While gambling is legal in some form in nearly all states, it is still a very dangerous activity. For example, gambling has been linked to drug abuse and suicide, and it can lead to domestic violence. In addition, it can have a negative effect on family and social relationships. For this reason, it’s important to educate children and young people about the dangers of online gambling.

The proliferation of the Internet in the 2000s led to a boom in online casinos and gambling websites. Many states legalized this type of gambling in the 2010s, and it’s now a multibillion dollar industry. However, the laws surrounding online gambling have not kept pace with new technology. As such, some states continue to ban online gambling entirely, while others only regulate certain types of gambling.

In the past decade, the provision of online gambling has intensified through greater access, enhanced betting markets, a wider product range, and prolific marketing. However, little research has explored how these changes are influencing contemporary gambling experiences and behaviours. This study utilised semi-structured telephone interviews with 19 non-treatment-seeking and 10 treatment-seeking online gamblers to explore how the increased availability of Internet gambling had influenced their experiences and behaviour. Thematic analysis was used to analyse the data.
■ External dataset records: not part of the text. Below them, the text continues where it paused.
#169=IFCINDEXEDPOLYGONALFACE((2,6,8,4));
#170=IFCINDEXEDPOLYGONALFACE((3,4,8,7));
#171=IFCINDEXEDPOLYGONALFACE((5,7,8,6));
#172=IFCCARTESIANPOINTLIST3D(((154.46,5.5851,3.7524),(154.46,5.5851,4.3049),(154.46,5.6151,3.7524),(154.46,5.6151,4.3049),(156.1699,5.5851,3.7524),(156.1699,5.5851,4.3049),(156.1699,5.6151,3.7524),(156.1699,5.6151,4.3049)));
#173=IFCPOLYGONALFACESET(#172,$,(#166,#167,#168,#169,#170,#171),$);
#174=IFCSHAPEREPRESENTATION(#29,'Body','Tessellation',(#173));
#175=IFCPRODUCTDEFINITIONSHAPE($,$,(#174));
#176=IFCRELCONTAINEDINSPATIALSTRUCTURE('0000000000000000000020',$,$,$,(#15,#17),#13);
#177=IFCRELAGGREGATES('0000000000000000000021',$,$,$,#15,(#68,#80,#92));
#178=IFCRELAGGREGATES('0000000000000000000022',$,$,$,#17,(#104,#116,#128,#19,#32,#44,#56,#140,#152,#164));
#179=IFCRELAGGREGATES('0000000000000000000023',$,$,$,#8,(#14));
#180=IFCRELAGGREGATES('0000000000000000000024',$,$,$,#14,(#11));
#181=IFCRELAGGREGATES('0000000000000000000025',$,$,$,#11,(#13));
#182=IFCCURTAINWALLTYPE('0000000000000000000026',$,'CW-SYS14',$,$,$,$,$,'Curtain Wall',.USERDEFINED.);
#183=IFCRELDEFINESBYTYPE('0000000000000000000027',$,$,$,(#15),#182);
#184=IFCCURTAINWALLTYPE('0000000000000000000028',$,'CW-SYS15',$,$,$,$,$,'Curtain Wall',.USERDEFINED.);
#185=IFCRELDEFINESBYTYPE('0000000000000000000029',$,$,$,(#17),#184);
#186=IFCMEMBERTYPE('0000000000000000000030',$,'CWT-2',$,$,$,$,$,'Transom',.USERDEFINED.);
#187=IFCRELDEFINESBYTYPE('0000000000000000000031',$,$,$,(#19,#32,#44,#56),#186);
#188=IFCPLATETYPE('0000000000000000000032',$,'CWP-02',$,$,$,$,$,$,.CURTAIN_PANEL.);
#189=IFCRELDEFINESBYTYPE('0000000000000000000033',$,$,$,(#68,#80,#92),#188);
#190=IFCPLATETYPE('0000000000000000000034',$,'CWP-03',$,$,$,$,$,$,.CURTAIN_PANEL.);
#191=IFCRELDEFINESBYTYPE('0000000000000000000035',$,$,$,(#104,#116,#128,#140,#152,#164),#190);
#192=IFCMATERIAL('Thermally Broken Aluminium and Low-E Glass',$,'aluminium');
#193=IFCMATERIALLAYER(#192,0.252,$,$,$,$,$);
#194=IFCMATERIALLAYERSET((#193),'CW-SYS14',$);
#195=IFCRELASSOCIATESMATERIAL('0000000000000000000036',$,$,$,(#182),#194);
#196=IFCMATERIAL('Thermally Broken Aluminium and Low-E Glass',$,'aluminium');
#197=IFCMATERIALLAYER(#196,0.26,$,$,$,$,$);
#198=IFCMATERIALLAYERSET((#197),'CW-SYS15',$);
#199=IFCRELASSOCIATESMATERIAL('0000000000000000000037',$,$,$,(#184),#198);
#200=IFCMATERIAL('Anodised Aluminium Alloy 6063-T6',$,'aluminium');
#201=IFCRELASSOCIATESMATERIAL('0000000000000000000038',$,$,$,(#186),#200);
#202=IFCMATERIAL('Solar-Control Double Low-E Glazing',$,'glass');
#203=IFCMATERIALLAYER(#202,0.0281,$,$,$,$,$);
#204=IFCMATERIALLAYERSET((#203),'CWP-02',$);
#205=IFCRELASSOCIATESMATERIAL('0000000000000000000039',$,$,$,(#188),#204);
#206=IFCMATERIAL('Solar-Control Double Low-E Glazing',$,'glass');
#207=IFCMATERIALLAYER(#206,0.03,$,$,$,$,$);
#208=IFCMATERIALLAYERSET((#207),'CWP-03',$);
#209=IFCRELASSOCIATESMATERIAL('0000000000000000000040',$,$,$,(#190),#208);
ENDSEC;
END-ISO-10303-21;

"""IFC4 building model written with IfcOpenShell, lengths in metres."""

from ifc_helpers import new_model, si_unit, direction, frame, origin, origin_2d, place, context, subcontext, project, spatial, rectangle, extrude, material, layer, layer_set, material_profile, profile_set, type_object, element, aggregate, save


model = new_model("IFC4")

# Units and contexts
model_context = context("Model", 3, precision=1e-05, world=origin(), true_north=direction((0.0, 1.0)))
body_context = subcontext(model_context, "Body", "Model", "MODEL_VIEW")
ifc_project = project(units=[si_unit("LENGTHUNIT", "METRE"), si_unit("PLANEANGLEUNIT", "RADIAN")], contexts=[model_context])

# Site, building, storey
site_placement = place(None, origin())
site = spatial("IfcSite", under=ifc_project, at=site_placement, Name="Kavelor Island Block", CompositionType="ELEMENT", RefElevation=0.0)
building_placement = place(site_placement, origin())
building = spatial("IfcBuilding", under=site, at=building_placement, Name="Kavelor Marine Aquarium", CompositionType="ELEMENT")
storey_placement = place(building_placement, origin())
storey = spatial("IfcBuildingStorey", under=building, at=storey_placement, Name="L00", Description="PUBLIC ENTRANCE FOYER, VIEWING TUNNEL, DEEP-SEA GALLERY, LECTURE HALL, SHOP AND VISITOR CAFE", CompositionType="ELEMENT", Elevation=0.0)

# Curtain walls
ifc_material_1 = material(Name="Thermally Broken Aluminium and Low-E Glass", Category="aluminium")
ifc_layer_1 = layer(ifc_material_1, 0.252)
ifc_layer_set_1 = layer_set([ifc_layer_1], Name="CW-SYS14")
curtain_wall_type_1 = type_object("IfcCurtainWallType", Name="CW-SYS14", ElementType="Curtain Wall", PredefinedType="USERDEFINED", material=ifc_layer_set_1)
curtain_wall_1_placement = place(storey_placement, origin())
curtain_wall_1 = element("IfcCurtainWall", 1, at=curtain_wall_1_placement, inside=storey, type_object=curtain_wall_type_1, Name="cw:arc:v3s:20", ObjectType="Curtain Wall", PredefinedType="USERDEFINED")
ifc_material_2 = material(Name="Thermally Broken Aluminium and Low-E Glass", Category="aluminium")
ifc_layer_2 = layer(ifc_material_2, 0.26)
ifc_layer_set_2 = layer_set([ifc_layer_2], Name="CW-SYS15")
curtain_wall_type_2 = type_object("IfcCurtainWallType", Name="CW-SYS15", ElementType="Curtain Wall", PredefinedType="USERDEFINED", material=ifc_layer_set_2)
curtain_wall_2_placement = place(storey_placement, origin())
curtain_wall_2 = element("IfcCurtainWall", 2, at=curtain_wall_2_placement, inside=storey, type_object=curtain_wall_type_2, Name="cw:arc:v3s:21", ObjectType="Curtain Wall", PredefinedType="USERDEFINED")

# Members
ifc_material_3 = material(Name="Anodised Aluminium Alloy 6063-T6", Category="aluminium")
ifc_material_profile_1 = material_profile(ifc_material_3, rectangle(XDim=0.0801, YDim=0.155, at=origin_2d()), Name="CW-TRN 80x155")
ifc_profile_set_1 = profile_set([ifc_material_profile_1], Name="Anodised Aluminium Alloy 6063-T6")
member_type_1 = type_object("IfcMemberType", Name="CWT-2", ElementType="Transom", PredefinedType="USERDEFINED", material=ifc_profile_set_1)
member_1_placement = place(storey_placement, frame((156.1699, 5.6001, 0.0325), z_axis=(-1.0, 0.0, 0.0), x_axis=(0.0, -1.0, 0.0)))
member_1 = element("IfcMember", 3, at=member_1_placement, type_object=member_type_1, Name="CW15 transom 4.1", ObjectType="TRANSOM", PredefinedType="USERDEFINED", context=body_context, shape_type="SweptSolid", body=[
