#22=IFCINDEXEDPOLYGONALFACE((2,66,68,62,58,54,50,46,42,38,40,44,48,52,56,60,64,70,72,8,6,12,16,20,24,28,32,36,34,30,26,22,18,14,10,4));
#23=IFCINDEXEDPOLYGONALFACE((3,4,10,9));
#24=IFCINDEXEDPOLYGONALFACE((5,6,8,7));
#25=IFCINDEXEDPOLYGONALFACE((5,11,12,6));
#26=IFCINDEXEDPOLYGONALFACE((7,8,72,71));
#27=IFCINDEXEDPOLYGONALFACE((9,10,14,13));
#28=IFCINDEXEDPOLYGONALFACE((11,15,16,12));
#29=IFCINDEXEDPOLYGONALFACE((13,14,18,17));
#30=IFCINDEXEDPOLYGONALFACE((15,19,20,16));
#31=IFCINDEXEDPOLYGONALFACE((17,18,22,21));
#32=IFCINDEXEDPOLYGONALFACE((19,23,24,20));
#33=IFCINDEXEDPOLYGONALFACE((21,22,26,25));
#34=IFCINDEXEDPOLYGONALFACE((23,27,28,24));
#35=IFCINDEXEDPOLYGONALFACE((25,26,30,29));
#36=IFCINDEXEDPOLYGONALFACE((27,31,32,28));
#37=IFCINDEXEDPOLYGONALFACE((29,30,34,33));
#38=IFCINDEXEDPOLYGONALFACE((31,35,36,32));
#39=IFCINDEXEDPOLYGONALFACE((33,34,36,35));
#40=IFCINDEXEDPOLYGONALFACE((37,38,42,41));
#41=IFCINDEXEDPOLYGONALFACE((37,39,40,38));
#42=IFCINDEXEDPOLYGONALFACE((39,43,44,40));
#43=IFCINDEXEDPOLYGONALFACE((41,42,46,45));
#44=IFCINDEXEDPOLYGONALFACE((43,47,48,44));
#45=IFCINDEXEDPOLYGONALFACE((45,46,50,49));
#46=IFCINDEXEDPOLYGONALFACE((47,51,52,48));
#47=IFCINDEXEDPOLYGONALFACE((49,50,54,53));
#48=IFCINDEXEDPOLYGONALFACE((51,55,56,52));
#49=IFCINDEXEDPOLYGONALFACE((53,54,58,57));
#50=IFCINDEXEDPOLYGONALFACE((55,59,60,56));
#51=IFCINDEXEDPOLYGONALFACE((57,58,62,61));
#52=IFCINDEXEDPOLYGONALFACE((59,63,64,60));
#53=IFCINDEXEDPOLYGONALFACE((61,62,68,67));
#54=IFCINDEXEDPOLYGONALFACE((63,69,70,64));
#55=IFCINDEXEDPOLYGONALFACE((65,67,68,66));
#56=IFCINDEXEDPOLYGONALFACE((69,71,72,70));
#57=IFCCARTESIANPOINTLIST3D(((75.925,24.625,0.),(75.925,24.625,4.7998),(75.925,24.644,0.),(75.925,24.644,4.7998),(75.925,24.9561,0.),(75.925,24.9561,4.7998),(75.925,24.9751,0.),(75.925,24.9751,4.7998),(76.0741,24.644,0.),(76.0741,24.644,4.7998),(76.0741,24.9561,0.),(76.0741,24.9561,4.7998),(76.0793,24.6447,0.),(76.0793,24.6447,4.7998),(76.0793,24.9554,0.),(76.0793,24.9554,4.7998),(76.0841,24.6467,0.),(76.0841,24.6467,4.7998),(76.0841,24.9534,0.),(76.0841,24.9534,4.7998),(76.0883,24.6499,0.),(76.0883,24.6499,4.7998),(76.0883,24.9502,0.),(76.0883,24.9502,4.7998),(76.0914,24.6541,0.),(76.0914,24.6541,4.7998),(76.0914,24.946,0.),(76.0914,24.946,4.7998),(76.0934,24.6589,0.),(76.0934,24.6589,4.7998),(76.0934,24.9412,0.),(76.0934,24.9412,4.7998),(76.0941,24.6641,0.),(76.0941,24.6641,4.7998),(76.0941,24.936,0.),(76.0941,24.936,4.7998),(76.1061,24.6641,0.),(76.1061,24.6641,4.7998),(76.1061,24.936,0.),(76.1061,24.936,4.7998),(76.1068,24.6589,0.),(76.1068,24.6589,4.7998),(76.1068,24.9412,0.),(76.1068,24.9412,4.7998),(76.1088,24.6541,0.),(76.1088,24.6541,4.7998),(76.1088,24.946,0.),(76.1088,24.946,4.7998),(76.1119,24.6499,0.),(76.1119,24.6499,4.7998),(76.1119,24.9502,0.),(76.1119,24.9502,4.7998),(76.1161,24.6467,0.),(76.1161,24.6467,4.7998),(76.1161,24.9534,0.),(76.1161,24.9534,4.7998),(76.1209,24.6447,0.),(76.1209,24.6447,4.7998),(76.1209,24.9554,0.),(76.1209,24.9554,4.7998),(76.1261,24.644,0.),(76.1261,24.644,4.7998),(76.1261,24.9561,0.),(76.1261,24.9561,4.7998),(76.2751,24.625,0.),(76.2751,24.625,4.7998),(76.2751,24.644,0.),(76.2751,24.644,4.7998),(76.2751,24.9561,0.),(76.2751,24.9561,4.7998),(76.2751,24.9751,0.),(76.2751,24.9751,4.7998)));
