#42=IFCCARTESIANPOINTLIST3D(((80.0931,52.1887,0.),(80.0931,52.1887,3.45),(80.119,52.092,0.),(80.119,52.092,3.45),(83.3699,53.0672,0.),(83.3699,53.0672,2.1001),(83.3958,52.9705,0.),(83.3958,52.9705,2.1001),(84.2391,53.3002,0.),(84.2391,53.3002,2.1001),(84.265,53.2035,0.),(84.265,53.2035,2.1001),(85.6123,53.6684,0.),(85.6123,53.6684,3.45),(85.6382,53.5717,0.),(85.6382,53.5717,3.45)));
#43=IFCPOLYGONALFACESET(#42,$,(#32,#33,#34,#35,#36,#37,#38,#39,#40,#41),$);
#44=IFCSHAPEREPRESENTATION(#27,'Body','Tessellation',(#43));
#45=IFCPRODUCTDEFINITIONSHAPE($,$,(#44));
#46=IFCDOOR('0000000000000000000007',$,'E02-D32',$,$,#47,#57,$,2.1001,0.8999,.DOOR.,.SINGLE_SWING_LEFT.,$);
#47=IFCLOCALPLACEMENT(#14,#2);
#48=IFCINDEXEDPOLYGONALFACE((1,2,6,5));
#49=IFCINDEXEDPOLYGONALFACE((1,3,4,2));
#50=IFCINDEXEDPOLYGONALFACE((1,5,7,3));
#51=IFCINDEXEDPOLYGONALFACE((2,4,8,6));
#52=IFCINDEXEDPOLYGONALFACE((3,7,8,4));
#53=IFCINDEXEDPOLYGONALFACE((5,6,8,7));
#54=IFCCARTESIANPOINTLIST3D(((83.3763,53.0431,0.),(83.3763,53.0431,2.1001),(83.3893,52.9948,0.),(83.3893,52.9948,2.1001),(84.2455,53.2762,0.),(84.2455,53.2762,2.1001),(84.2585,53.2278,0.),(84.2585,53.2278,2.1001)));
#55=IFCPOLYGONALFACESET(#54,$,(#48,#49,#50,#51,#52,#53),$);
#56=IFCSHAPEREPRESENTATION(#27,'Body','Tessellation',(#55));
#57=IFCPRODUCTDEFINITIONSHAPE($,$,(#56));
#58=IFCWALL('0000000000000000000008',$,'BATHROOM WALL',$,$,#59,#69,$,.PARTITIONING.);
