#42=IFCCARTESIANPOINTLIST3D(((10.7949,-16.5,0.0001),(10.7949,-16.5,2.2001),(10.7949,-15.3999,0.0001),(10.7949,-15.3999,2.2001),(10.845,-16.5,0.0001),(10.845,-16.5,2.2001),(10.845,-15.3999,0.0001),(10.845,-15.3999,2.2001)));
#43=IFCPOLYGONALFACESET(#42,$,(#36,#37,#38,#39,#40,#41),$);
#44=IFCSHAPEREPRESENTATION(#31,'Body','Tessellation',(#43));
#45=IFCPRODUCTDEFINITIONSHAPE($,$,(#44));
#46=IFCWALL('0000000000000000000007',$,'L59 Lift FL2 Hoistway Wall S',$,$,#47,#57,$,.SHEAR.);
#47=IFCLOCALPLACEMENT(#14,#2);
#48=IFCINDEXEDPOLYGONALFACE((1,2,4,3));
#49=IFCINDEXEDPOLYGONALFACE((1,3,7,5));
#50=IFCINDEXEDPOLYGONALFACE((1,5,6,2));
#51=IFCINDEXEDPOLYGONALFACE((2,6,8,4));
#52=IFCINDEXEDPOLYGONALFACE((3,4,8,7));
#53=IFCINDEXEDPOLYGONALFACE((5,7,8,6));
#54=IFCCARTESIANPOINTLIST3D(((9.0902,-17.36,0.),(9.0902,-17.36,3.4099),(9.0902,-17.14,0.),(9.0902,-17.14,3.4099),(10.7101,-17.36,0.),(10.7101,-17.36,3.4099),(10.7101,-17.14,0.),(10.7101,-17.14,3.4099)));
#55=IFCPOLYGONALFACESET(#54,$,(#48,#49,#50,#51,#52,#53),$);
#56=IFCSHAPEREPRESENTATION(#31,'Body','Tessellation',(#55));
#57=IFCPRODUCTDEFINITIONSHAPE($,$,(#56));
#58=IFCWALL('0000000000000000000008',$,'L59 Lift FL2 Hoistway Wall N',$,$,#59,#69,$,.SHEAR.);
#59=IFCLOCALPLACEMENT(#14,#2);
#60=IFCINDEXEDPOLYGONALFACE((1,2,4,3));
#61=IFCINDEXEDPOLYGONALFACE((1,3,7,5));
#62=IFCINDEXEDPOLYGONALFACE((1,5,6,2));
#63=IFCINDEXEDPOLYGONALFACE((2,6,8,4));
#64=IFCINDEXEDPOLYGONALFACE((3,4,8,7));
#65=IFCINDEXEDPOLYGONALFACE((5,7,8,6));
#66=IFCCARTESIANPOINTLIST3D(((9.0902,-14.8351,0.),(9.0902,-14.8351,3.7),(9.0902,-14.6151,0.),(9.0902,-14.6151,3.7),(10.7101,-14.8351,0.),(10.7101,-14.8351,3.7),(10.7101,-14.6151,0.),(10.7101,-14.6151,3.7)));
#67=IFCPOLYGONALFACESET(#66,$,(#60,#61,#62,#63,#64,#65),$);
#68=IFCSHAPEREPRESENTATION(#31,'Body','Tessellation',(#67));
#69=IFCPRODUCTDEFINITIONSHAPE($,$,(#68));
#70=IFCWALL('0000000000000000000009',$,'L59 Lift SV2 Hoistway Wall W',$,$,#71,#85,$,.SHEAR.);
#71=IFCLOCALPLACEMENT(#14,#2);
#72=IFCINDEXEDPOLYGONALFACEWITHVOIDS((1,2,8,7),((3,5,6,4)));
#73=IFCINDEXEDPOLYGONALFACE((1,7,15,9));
Both groups reported that increased Internet gambling was facilitated by the availability of 24/7 betting opportunities without the constraints of venue opening times or social judgment, and that faster financial transactions facilitated impulsive betting. However, treatment-seekers also reported that the ease of depositing funds to betting accounts contributed to persistence and loss-chasing, and that difficulties withdrawing and the ability for betting sites to cancel withdrawals undermined self-control.

In the context of these findings, consumer protection needs to extend beyond harm minimisation tools and incorporate a focus on safer online gambling products and industry practices. Furthermore, longitudinal research is required to further understand the impact of changing online gambling environments on the incidence of gambling disorders. This would be a crucial step in developing evidence for the inclusion of disordered gambling within the fifth edition of the Diagnostic and Statistical Manual of Mental Disorders as a non-substance behavioural addiction. This will be an important step in demonstrating that online gambling is not simply an extension of offline gambling behaviours, but rather has a distinct mode of access and behavioural characteristics. This will provide an opportunity to better inform interventions that target problem gamblers in this population. In addition, it will support the development of more accurate models of behavioural addiction and inform research into other types of behavioural addictions. This is particularly relevant given that online behavioural addictions appear to be developing a similar pattern of risk-taking and impulsivity as substances.